“We’ve given her a life lived in deviation,” Brookman said.
“At least,” Ellie said, “we’ve given her that!”
Brookman strongly agreed.
“Maybe because it’s after worship, Sofe asked me, Does Daddy ever pray?”
“What did you tell her?”
“She was small, maybe five or six. I said, Oh ya, ya, he prays the way ‘the English’ do sometimes. Untrue of course.”
“I don’t know if it’s untrue.” He folded his arms and walked away from the sink to the kitchen window. “I find the kind of prayer you — I mean your once people — do… uncongenial.”
“I’m sure, Stevie.”
“Look,” he said, turning to his wife a bit drunkenly. “What’s the use of it? You can’t ask God for anything. You can’t request special treatment. You can’t pray for an intention.”
“No deals,” she said. “Big God, little you. Sofe can tell you herself. Do you think she thinks of herself the way an American child would?” They both looked around to see if she was listening and lowered their voices. “She’ll tell you how we pray. How we used to pray.”
“She…,” Brookman began, but Ellie interrupted him.
“You worship Almighty God. You thank Him for his glory and you worship his will. He sent his Son. What must be, must be. You find his will and glorify it. You trust and live rightly and love. No deals.”

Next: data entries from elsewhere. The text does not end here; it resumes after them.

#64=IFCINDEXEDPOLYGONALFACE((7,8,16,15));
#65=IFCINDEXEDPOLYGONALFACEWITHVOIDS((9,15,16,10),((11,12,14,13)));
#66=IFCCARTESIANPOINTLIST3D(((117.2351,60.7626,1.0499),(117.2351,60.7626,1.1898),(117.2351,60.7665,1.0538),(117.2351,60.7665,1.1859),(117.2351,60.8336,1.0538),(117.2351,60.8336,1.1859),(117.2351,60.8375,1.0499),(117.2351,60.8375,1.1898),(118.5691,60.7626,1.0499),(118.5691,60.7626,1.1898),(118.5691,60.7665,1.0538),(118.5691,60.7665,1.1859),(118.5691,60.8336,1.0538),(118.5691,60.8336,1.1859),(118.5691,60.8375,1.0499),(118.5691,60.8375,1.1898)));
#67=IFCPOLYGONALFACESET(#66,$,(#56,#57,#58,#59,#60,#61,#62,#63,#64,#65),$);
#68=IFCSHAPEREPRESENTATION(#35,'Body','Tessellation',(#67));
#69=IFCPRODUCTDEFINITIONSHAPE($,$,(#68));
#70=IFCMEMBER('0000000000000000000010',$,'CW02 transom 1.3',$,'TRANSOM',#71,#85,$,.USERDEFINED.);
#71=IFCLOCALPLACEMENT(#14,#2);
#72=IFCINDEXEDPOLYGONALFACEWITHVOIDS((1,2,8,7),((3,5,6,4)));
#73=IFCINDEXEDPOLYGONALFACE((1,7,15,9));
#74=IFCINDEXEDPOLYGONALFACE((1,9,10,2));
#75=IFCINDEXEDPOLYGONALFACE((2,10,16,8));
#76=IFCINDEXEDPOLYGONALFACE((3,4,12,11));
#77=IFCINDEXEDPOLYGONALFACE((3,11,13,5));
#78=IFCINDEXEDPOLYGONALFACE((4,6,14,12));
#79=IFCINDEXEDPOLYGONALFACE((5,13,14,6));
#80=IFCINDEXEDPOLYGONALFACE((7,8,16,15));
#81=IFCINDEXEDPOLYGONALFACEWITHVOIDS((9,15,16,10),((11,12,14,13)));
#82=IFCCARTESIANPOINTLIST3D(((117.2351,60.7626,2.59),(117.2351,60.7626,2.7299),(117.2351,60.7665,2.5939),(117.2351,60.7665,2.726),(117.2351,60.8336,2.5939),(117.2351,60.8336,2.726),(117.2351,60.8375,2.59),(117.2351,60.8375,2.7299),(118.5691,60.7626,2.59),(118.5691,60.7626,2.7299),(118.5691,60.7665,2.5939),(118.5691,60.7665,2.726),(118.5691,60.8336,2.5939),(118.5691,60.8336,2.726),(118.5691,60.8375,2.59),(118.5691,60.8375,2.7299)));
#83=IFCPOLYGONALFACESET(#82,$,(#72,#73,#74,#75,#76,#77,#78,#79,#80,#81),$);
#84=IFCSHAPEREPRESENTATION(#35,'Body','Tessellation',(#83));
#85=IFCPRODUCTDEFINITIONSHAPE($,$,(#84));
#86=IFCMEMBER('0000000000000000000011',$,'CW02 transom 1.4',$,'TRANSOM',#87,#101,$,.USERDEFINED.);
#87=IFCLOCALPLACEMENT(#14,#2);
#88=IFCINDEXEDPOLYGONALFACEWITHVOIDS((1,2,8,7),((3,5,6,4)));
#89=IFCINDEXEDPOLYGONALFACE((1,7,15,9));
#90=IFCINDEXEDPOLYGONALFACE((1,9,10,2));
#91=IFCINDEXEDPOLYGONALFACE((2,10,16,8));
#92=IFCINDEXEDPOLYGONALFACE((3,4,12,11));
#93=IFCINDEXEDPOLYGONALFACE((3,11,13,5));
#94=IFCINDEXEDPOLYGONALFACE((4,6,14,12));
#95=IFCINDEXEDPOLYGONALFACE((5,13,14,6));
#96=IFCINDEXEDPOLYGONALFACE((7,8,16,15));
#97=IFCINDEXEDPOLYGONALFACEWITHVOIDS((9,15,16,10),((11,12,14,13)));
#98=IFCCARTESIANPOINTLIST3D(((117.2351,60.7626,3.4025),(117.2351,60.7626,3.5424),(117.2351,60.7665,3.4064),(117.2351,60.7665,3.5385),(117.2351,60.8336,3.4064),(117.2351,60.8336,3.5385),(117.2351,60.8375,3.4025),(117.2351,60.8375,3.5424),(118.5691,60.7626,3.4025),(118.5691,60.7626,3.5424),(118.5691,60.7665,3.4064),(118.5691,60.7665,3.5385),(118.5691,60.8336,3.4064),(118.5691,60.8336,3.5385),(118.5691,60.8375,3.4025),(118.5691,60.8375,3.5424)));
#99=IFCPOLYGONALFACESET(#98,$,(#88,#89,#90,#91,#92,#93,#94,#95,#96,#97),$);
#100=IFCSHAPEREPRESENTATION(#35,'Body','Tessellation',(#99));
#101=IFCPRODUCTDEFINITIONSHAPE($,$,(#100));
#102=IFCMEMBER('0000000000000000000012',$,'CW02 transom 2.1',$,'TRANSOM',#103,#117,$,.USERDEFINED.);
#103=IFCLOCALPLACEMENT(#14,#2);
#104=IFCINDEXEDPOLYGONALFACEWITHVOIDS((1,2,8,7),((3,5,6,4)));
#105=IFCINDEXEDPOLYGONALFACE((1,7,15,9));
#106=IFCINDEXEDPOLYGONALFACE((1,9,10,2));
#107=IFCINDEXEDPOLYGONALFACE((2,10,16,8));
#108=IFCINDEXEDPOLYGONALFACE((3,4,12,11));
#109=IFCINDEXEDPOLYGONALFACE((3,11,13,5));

“You shame me,” Brookman said.
“Good,” she said. “I love you. I’m sent to explain to you that you’re other than the hot shit that you and others think you are. With the self-pity and indulgence the yokels in White Lake would call pride.”
“Pride,” he repeated dully.
“I’ll tell you something else,” Ellie said. “In my childish superstition I too still believe that God wills what I must do.” He watched her put a hand to her mouth, stunned almost at her own words. Thrilled and frightened at what he thought she might say. She let him lead her out to the cold rainy porch that opened to a dying acacia and the wooden top of a defunct well. They had tried for such a long time to have a second child. They laughed about her country potions. His wearing boxer shorts for a year, on the advice of some friend of Ellie’s. But they had never said a word about praying.
“But we did it, Ellie. We did it. Shouldn’t it be a sign for us? Isn’t it a blessing?”
“After so long,” she said. “So much trying.”
She turned her face away.
“I’m only who I am, dear one. Is it a blessing? If I let your pride dishonor me and my… children, I will have to feel my way. I will have to feel his pleasure, and if you do dishonor me — and in my benighted state I think you dishonor Him through me — I don’t know what will be commanded. I’m sorry, my Stevie, my love.
“This will sound stupid. I love you next to God. Don’t think I’m over the top. We’re not in an opera. You see that’s a commonplace, eh. All the girls where I come from, it’s required. Commanded. You’re my husband. You’re my Stevie too. But I have to feel that’s really how it goes. That has to be how it goes from now on. I must feel the rightness of things, the pleasure of things. You must make me have that.”
He moved a little apart from her, still holding her hand.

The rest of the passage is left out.